Akhir-akhir ini sedang trending istilah 'pengibulan', maka ada baiknya kita membedahnya dengan tulisan ini. Pengibulan terbentuk dari verba (kata kerja) ngibul yang berarti membohongi yang selanjutnya ditambah dengan konfik (awalan dan akhiran) pe-an sehingga menjadi nomina (kata benda) pengibulan, tindakan melakukan pembohongan. Lebih lanjut verba ngibul juga bisa ditambah prefik (awalan) pe- agar menjadi nomina (kata benda) pengibul yang berarti pelaku ngibul alias pembohong.
Sekarang
mari kita telaah fakta tentang kepopuleran kata pengibulan tersebut.
Kata ini menjadi kata yang populer beberapa hari ini karena pernyataan
Amien Rais di Bandung beberapa hari yang lalu. Pendiri Partai Amanat
Nasional (PAN) ini mengatakan bahwa kebiasaan presiden Joko Widodo yang
sering membagi-bagikan sertifikat kepada masyarakat disebut sebagai
pengibulan alias pembohongan. Dengan demikian berarti Amien mengatakan
bahwa Jokowi adalah pengibul. Tetapi karena si guru besar Amien Rais ini
sering omong ngaco maka ada baiknya kita bahas siapa sesungguhnya si pengibul.
Nampaknya
orang tua satu ini perlu diperiksa kepribadiannya. Siapa tahu ada
gejala-gejala yang tidak benar dan membahayakan. Semakin hari semangkin
mengkhawatirkan. Bicaranya tampaknya semakin hari semakin ngawur. Mulai
dari pemerintah memberi ruang kebangkitan PKI sampai sertifikat sebagai
tanda pengibulan Jokowi terhadap rakyat. Jangan-jangan dia memang sedang
mengalami kekacauan berpikir logis?
Gejala kekacauan berpikir
logis Amien ini semakin tampak saat menjadi pembicara dalam diskusi
'Bandung Informal Meeting' yang digelar di Hotel Savoy Homman, Jalan
Asia Afrika, Bandung, Minggu (18/3/2018). "Ini pengibulan, waspada
bagi-bagi sertifikat, bagi tanah sekian hektar, tetapi ketika 74 persen
negeri ini dimiliki kelompok tertentu seolah dibiarkan. Ini apa-apaan?"
Sekarang
mari kita cerna pernyataan Amien di atas. Ada kekeliruan, kontradiksi
dan kesalahan berpikir di sana. Pengibulan itu diartikan sebagai proses
membohongi. Membohongi berarti tidak sesuai dengan fakta sebenarnya.
Pengibulan
jelas sangat bertentangan dengan fakta tentang pembagian sertifikat
kepada rakyat oleh presiden Jokowi. Sertifikat itu adalah fakta nyata.

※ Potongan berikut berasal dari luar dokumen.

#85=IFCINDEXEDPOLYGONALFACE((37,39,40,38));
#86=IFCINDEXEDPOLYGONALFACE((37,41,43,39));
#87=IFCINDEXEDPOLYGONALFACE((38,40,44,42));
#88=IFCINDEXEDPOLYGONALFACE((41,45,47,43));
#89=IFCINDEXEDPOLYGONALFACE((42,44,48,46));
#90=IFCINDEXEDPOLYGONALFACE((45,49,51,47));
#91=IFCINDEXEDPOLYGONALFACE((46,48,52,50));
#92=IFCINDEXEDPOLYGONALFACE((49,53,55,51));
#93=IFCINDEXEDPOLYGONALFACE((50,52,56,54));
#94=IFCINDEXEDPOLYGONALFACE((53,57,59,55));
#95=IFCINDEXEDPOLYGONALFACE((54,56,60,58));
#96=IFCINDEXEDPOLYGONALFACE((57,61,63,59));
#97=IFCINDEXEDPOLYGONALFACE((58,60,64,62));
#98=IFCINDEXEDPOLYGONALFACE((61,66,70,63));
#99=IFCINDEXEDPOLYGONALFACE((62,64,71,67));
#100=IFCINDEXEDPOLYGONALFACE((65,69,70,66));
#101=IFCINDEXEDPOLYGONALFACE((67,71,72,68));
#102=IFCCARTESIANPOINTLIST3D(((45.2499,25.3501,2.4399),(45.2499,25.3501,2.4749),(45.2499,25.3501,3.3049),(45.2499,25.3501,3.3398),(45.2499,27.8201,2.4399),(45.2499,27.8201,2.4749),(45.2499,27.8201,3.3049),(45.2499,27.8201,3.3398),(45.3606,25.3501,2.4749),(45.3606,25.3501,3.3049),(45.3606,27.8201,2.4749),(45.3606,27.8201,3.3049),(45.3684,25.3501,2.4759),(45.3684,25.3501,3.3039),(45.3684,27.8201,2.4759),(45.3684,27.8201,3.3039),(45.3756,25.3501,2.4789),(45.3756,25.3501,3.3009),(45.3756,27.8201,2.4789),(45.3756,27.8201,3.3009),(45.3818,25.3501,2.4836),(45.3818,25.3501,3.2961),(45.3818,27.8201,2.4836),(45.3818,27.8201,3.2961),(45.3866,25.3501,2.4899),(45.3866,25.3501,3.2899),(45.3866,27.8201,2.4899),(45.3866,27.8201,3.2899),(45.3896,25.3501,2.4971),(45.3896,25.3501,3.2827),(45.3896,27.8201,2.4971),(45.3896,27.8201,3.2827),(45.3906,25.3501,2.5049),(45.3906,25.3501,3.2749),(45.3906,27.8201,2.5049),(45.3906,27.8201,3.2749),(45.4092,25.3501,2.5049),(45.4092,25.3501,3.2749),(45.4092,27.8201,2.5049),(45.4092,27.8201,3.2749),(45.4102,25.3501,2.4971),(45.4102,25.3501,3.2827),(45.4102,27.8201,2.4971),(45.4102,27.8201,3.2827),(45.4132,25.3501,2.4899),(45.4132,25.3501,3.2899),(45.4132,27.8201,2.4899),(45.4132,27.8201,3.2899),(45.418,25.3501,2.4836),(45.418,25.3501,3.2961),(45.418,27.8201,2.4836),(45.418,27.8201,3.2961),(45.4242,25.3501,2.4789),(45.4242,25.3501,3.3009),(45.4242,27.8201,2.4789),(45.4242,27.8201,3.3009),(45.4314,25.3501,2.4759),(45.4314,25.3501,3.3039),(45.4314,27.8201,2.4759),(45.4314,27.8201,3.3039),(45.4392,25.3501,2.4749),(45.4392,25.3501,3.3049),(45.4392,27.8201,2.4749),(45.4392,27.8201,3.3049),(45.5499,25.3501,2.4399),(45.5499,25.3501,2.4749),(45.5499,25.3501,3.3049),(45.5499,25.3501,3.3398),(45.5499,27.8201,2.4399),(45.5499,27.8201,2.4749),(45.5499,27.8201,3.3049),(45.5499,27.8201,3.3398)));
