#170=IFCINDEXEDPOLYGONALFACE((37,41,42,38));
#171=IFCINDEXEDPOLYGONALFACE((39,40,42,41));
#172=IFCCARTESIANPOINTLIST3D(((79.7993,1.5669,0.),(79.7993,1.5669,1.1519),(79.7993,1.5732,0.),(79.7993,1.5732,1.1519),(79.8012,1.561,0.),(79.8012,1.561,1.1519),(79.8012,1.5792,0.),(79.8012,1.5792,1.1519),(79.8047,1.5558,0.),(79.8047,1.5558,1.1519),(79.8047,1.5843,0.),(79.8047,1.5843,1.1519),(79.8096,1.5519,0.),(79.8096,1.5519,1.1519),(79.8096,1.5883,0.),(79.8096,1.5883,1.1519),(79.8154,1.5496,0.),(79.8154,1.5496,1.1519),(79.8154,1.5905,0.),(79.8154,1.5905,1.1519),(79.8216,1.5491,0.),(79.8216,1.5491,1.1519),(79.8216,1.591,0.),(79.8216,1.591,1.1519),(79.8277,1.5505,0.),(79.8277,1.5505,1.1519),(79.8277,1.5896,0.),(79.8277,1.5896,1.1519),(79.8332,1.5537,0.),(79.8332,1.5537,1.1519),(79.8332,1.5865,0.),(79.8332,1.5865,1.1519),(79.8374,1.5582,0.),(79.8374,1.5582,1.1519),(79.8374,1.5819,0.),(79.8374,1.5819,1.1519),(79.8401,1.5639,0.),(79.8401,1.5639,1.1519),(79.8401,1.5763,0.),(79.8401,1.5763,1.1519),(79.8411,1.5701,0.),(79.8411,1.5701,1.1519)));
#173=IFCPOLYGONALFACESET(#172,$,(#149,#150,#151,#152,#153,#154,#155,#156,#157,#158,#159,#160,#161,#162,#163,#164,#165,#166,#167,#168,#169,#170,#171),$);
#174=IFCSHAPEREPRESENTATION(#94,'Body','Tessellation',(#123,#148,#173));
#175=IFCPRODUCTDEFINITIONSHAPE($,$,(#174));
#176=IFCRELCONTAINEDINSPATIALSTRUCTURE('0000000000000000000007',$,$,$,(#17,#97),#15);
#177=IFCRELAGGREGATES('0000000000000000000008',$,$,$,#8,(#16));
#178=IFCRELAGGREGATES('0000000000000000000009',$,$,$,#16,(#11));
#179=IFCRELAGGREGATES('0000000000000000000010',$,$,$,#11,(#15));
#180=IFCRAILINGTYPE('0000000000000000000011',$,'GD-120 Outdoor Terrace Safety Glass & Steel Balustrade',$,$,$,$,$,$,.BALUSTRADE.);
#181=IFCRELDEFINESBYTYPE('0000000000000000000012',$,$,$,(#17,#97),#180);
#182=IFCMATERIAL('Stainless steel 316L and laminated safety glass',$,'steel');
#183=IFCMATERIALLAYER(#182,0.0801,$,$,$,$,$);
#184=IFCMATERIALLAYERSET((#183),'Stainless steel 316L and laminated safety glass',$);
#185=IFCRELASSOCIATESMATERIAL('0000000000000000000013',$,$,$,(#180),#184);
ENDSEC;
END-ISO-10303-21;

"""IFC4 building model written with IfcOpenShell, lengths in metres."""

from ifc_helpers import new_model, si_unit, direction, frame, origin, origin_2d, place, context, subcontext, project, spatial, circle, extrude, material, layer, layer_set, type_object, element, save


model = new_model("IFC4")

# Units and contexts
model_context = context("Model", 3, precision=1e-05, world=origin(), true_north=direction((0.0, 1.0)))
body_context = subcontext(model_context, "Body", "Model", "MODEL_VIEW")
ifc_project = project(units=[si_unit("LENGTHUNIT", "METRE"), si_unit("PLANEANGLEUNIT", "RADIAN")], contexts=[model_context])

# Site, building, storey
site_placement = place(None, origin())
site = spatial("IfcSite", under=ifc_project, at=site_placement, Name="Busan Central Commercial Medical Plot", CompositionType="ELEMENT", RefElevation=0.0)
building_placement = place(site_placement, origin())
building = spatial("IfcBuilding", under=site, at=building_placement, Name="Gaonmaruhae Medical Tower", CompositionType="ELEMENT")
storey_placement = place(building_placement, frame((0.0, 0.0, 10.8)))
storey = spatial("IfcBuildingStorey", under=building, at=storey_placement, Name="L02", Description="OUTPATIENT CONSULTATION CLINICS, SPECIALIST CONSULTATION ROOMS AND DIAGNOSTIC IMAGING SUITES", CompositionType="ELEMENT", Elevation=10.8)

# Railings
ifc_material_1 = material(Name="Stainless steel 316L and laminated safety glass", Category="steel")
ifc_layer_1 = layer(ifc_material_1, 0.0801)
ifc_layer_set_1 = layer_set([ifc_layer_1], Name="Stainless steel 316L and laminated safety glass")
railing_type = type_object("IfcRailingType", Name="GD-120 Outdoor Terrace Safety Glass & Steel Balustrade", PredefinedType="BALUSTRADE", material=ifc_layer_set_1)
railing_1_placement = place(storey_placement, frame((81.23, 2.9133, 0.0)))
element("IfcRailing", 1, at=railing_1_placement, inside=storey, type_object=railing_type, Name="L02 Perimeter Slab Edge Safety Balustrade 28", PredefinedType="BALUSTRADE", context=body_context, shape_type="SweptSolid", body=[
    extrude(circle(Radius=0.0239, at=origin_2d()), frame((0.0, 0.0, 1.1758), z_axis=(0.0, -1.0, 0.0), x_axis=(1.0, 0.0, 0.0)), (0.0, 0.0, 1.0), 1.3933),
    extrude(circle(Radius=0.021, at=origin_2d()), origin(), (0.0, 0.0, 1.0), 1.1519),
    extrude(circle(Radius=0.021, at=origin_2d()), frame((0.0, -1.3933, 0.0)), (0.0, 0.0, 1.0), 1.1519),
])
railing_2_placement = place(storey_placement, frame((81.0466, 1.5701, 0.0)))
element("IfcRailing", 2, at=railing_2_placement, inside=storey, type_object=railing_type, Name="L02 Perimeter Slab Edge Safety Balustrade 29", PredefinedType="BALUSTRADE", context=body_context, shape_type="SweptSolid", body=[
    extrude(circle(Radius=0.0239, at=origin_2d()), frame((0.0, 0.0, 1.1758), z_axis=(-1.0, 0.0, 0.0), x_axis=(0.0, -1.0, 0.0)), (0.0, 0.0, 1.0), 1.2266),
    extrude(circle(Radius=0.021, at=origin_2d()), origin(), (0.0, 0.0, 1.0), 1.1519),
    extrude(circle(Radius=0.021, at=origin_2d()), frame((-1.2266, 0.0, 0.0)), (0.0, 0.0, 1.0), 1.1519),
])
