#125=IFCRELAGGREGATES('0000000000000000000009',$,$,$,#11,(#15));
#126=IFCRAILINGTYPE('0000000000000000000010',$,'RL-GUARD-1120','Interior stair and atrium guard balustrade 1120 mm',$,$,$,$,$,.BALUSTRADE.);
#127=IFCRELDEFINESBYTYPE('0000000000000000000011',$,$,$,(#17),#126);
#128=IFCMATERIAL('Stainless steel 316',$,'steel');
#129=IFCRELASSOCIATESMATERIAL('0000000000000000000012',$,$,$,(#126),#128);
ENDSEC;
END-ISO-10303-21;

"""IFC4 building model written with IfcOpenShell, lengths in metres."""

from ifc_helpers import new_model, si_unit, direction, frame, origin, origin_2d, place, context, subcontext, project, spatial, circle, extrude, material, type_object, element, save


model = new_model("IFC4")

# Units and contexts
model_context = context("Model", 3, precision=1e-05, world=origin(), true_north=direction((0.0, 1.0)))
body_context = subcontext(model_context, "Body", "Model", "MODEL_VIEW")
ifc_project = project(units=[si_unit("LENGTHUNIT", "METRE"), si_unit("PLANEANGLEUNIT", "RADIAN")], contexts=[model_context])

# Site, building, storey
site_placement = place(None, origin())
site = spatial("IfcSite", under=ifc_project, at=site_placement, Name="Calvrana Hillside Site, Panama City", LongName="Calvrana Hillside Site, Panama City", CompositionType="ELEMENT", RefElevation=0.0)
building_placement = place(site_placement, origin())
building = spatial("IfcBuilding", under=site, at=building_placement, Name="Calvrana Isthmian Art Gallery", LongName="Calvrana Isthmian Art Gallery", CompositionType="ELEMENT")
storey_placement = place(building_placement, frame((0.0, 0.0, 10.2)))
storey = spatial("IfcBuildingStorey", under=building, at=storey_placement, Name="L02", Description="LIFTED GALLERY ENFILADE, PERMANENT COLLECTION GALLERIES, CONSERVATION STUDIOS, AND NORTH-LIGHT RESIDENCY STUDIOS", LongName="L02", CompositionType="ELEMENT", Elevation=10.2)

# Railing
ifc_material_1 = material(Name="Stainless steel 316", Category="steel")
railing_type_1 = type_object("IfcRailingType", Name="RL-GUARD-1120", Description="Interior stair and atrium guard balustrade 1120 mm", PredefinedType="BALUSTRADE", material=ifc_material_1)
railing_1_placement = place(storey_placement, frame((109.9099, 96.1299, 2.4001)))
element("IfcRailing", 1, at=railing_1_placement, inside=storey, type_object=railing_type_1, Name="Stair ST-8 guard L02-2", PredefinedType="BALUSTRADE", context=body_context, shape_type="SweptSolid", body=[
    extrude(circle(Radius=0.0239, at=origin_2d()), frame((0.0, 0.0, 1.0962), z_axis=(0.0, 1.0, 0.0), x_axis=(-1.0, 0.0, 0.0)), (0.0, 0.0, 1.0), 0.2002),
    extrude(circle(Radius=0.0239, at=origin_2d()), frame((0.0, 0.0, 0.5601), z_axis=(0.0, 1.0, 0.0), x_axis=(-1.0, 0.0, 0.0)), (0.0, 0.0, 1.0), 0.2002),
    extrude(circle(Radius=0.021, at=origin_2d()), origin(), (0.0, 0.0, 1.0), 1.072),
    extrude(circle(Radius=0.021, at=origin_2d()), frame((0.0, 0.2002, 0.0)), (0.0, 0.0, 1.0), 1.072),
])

Ada data dan tanda keabsahan kepemilikan atau keabsahan pengolahan
lahan. Jadi sertifikat itu menjadikan kepemilikan itu memiliki bukti
kuat. Tidak bisa digugat. Maka ketika dikatakan pengibulan, mengibuli
siapa. Sangat jelas ada sertifikatnya, bukan hanya janji memberikan
sertifikat.
Lebih lanjut, 74% negara dimiliki kelompok tertentu
tidak ada data dan buktinya. Ini sangat bertolak belakang dengan
sertifikat yang dibagikan dan sejalan dengan pengibulan. Sertifikat
adalah bukti bahwa setiap orang yang menerimanya memiliki tanah. Dengan
demikian, tuduhan 74% negeri ini dimiliki suatu kelompok menjadi suatu
pengibulan.
Mohon diperhatikan, pernyataan tanpa data valid adalah
pembohongan atau pengibulan. Di lain pihak, pembagian sertifikat adalah
kebenaran dan keberpihakan pemerintah kepada rakyat yang selama ini
memiliki tanah tetapi tidak punya bukti kepemilikan.
Maka sekarang
sungguh jelas siapa si pengibul dan siapa yang tulus. Amien adalah
pengibul karena menuduh tanpa ada bukti. Itu sama saja, misalnya,
seperti menuduh Prabowo adalah jenderal pembunuh para mahasiswa, tetapi
tidak disertai fakta. Jadi itu adalah kebohongan dan fitnah. Lain
masalahnya kalau ada bukti.
"Pemimpin (Jokowi) mengatakan tahun
1965 baru 4 tahun mana ada PKI balita. Memang enggak ada, tetapi kenapa
rezim ini memberikan angin membangkitkan PKI." Ini pernyataan Amien
yang lain lagi.
Ternyata Amien tidak berhenti hanya soal
sertifikat. Pengibulan Amien ditambah dengan pemutarbalikan fakta.
Faktanya Jokowi mengakui bahwa dia lahir 4 tahun sebelum kelahiran PKI.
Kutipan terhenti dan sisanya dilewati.